Time history of model (3.1)

Figure 2

Time history of system (3.1)

Figure 3

Time history of model (3.1)

4 Conclusions

In this paper, we are concerned with a class of cellular neural networks with time-varying delays. Using the differential inequality under the unboundedness conditions of the activation functions, we establish a sufficient condition guaranteeing that all solutions of the considered neural networks converge exponentially to the zero equilibrium point. The obtained sufficient condition is easy to check in practice. The results derived in this paper are completely new and complement the previously known ones [1]. We present an example to illustrate the effectiveness of our theoretical results.
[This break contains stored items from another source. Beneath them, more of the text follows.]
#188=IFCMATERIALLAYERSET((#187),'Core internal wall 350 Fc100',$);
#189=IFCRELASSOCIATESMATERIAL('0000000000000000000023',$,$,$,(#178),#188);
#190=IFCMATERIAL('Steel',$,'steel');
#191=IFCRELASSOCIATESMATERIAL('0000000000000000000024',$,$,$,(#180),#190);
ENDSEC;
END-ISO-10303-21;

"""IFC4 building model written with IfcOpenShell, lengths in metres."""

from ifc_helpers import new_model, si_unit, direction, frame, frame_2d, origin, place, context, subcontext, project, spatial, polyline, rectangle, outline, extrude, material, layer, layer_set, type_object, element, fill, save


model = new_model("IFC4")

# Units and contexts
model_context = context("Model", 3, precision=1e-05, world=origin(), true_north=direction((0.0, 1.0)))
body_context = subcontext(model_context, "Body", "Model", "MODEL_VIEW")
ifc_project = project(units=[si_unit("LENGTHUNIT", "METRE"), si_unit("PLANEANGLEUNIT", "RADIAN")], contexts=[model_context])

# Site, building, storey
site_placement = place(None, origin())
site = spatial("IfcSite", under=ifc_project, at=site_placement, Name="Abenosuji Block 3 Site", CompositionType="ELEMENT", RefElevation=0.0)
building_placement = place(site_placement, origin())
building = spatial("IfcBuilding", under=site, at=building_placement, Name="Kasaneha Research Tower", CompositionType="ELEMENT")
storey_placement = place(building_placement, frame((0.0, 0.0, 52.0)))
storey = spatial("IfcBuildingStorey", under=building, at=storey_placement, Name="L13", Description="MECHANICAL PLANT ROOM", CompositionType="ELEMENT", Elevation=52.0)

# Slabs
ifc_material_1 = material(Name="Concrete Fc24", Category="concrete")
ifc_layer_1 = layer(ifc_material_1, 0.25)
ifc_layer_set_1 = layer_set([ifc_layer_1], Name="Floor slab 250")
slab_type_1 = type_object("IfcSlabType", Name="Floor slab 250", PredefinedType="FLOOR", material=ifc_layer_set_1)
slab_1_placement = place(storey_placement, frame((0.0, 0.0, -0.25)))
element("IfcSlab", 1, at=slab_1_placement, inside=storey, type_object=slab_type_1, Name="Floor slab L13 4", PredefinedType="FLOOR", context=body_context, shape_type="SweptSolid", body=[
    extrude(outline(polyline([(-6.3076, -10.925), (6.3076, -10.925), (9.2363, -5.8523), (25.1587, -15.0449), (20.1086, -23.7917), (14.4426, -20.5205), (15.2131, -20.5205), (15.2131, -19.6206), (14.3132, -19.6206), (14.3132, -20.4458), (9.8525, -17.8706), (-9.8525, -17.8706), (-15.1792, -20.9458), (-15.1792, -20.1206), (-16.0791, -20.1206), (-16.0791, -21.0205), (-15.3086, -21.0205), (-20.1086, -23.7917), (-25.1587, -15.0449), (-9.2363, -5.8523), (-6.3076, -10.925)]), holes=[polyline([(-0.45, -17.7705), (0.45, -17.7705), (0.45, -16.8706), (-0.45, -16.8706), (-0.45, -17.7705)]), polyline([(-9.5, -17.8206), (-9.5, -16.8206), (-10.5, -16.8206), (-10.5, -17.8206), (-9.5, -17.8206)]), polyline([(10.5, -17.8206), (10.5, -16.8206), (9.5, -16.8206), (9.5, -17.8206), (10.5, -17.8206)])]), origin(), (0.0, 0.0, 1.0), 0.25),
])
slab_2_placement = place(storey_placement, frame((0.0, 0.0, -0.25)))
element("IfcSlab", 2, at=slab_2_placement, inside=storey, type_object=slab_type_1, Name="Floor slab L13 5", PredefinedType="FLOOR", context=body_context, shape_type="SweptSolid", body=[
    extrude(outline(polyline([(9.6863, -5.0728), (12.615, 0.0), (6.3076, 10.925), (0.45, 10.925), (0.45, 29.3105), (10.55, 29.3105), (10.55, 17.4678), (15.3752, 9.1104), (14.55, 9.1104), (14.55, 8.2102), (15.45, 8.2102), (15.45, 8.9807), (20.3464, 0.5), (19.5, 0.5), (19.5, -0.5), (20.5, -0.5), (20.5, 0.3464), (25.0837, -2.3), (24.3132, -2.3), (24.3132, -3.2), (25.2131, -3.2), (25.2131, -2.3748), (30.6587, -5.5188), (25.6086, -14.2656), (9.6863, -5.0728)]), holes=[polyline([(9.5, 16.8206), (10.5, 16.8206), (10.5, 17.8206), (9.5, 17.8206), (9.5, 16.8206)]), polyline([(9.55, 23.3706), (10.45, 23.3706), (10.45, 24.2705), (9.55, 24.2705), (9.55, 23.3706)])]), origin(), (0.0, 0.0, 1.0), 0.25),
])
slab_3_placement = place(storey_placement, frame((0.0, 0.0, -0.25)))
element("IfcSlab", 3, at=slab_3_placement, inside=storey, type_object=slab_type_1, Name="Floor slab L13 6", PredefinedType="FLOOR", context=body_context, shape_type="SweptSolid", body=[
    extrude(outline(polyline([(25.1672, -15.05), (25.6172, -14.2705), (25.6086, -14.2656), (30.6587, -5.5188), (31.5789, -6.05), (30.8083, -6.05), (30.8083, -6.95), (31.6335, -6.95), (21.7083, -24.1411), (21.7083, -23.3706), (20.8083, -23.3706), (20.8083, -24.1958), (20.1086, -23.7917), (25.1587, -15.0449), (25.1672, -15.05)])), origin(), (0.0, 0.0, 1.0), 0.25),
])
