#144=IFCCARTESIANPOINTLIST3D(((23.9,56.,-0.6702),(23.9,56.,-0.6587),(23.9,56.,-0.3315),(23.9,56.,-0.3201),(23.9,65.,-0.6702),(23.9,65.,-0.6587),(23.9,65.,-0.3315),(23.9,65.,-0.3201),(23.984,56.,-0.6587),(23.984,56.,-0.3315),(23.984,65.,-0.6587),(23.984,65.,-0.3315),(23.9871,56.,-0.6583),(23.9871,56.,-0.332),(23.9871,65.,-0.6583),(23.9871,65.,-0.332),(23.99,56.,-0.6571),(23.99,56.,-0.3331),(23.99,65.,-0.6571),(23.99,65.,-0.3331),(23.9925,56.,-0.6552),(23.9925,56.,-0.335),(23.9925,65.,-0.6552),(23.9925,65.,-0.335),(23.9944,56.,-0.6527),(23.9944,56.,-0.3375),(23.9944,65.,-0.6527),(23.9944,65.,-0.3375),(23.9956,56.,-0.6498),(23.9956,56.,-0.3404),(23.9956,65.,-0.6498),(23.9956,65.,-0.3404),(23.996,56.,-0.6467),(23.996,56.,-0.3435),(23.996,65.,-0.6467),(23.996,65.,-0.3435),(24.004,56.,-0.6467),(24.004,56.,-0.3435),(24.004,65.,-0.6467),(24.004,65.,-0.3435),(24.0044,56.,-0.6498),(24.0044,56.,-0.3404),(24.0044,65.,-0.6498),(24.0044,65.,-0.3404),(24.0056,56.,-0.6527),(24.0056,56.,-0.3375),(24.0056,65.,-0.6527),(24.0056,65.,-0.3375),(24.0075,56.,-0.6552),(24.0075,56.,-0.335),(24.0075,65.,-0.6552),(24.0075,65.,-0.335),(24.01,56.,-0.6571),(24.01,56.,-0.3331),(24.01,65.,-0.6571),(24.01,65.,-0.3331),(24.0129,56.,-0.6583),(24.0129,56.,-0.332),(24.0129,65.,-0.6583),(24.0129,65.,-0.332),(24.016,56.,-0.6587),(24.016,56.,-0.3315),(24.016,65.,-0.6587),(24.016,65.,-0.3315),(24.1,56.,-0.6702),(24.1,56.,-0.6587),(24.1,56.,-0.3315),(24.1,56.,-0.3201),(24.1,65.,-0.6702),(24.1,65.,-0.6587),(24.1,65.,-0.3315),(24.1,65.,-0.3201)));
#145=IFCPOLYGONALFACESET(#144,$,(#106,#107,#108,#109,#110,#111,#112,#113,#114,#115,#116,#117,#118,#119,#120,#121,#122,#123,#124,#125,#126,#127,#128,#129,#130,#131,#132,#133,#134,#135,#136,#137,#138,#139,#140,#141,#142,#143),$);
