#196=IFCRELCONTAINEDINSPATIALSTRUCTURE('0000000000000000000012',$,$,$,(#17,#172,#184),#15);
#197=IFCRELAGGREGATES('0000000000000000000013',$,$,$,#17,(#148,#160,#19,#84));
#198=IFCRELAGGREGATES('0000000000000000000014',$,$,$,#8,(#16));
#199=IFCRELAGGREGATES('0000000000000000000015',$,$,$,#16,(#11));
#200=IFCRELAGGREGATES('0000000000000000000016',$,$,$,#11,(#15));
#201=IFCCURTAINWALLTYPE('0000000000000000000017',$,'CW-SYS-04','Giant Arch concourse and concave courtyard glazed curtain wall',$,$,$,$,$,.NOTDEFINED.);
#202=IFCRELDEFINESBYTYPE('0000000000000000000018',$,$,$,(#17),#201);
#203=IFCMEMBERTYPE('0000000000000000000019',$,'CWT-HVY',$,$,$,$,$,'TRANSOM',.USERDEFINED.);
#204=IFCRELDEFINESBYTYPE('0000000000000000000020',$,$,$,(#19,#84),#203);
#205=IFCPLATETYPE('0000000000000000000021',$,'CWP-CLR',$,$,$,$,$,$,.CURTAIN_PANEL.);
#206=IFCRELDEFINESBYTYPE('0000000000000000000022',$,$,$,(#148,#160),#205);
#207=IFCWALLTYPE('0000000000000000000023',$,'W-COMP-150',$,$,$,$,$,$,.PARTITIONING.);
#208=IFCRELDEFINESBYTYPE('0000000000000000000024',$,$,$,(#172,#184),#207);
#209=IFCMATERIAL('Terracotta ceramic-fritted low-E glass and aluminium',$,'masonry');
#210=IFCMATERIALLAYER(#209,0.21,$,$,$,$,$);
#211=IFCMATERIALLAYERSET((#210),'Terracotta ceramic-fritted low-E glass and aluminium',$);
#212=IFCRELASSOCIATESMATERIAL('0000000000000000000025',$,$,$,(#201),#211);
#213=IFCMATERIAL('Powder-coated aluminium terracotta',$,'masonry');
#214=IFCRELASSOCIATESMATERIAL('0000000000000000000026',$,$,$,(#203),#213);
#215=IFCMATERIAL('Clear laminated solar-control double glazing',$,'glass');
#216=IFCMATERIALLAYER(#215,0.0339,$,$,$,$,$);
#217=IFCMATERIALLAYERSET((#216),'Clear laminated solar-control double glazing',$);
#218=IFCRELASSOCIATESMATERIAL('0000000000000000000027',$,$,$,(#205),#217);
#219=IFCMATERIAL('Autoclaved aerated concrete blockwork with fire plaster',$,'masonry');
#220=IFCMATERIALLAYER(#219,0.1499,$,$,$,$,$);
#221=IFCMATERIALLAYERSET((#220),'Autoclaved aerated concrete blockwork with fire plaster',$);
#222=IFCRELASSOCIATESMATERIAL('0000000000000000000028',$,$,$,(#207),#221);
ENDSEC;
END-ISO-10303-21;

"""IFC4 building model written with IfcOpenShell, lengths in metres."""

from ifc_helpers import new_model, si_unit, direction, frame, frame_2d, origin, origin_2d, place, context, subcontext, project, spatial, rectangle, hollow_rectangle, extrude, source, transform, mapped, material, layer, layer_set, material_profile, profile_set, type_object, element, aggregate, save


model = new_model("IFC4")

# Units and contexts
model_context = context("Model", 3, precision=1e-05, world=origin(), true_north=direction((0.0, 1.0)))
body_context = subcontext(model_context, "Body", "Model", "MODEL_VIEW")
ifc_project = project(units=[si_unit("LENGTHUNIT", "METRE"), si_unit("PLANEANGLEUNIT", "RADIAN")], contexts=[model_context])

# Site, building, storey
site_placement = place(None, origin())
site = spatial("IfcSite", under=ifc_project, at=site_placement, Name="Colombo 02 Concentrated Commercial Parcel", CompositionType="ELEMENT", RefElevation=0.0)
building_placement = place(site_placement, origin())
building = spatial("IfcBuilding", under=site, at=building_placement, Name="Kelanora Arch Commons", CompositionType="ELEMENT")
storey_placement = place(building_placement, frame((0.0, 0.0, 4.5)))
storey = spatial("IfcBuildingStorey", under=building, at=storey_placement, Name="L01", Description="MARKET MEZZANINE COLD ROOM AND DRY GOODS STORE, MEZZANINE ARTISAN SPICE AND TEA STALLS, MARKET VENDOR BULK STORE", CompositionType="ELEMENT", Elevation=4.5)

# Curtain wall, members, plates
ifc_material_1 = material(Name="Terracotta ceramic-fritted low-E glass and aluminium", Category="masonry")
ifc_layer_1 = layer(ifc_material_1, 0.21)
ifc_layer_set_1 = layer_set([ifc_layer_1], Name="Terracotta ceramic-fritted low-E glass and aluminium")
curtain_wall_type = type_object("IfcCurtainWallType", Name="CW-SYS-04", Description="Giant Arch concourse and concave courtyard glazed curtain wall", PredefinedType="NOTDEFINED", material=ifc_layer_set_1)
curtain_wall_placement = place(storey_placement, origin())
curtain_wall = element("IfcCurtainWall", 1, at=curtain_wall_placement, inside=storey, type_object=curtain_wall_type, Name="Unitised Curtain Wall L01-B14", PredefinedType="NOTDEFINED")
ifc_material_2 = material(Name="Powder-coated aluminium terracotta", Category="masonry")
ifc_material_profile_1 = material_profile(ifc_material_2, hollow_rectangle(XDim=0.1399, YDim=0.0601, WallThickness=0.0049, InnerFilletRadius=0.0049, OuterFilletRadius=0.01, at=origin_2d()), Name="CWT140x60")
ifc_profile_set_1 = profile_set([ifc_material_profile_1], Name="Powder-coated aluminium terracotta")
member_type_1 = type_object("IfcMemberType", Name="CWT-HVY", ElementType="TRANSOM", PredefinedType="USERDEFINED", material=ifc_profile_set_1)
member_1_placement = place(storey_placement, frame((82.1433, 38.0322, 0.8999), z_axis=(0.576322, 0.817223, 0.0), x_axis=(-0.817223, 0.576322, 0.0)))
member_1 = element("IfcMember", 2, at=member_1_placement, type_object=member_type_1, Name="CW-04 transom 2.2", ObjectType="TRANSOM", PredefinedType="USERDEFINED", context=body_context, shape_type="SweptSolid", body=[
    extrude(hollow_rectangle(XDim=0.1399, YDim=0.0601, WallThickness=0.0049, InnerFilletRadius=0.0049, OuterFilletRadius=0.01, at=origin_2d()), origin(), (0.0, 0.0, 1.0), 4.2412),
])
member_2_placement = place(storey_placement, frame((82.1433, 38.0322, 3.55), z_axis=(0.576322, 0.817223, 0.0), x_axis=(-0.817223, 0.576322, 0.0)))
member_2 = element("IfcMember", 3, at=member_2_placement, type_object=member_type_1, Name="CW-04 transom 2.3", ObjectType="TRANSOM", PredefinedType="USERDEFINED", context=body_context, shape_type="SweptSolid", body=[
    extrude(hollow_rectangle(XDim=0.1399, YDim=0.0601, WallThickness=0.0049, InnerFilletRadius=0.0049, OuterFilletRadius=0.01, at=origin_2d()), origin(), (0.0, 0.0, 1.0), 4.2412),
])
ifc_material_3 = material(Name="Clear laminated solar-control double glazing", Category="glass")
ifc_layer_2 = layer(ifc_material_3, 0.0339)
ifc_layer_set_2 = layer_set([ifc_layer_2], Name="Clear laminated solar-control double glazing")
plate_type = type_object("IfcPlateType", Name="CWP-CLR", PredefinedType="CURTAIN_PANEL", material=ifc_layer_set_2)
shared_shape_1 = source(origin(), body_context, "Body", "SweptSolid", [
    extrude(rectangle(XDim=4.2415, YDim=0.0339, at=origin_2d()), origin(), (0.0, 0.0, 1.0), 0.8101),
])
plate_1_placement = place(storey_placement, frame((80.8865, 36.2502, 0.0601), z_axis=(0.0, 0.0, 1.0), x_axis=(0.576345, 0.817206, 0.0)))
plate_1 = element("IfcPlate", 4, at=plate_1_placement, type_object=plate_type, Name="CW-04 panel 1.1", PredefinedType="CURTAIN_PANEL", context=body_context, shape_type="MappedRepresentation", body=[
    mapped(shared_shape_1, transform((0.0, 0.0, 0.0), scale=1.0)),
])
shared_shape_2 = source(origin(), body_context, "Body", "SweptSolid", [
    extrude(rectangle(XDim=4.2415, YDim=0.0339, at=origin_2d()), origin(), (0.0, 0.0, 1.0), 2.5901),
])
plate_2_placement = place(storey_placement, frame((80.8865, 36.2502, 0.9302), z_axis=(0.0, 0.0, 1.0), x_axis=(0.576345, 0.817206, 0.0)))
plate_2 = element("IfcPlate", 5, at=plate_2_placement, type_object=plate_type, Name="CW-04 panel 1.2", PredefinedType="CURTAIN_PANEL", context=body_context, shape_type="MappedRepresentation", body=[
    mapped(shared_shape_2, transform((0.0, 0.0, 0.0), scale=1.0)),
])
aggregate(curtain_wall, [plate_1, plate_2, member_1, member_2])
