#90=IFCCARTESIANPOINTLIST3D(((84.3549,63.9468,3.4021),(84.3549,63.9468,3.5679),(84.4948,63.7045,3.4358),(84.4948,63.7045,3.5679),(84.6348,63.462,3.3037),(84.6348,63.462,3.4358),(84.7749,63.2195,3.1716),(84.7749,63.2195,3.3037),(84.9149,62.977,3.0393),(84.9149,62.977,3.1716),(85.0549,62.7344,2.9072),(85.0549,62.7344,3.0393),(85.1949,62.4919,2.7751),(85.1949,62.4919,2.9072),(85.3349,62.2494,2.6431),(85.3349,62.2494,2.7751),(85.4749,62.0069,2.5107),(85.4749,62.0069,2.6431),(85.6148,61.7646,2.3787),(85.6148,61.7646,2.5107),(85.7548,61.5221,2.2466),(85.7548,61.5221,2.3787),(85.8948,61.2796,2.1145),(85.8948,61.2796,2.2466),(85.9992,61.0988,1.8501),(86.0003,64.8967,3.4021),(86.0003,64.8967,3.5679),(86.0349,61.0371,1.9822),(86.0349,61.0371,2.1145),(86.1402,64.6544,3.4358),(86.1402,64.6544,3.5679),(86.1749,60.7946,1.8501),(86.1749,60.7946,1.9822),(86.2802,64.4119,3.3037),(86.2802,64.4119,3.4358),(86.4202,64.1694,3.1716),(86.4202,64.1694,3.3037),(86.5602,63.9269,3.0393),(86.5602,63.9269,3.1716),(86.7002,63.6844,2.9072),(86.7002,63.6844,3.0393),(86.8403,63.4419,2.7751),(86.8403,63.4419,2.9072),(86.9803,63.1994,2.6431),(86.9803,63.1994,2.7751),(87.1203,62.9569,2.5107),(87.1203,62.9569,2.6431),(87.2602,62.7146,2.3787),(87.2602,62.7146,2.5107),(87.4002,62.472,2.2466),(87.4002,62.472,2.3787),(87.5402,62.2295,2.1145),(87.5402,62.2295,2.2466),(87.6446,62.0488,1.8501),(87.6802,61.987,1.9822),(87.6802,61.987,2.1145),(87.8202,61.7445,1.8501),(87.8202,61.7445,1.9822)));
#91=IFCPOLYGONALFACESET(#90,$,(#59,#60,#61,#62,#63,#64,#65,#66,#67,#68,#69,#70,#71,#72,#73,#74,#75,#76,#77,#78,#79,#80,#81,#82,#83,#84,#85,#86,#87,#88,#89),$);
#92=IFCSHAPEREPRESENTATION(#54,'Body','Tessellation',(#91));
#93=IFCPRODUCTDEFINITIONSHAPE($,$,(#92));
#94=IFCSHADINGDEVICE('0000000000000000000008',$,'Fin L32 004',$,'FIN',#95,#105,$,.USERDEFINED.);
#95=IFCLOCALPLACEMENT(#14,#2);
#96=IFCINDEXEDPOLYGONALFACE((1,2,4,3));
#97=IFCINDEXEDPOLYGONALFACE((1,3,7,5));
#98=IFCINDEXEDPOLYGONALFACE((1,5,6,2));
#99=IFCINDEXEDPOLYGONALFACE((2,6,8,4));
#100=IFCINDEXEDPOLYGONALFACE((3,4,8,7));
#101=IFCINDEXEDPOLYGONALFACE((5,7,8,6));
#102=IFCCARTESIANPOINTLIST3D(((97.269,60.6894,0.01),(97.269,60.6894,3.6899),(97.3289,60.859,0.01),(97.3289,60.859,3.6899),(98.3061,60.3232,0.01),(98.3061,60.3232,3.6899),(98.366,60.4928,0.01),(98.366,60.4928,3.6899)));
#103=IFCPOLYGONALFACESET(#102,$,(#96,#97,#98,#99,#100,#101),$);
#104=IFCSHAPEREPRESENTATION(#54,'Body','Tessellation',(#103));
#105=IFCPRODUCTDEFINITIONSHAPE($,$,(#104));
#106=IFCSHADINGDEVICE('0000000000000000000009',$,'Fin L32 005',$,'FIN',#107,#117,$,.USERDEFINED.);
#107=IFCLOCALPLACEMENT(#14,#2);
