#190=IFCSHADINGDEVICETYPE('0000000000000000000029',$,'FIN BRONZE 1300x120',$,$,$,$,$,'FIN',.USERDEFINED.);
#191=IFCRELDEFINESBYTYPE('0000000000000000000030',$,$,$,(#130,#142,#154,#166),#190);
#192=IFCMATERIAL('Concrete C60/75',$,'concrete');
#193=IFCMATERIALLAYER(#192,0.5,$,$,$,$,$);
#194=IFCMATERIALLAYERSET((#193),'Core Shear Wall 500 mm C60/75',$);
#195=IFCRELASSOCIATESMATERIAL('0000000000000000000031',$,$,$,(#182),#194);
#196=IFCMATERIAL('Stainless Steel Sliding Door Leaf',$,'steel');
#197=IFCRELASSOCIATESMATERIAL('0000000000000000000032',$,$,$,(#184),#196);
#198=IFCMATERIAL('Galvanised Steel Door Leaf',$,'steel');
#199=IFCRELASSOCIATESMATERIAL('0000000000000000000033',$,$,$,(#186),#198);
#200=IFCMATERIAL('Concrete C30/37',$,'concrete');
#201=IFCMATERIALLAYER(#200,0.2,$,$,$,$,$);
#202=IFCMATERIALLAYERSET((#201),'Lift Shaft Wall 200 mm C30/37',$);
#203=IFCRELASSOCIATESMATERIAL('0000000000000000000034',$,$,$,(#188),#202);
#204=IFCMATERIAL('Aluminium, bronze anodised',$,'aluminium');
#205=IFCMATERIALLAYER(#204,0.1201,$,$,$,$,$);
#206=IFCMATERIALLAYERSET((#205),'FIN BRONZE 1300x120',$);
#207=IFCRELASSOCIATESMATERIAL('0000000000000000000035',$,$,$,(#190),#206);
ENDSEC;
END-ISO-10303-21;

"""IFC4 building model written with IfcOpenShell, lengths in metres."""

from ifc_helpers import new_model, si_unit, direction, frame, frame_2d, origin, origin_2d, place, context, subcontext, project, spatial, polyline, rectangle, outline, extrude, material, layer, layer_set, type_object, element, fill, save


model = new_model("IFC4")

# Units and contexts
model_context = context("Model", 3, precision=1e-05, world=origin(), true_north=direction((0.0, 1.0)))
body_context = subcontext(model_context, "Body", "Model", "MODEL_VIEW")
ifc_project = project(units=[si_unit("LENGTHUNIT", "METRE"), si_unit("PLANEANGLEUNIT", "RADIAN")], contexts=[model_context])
The obtained results play a key role in designing neural networks and can be applied in many areas such as artificial intelligence, image recognition, disease diagnosis, and so on. Recently, pseudo-almost periodic solutions of cellular neural networks have also become a hot issue. However, there are rare results on pseudo-almost periodic solutions of cellular neural networks, which are worth studying in near future.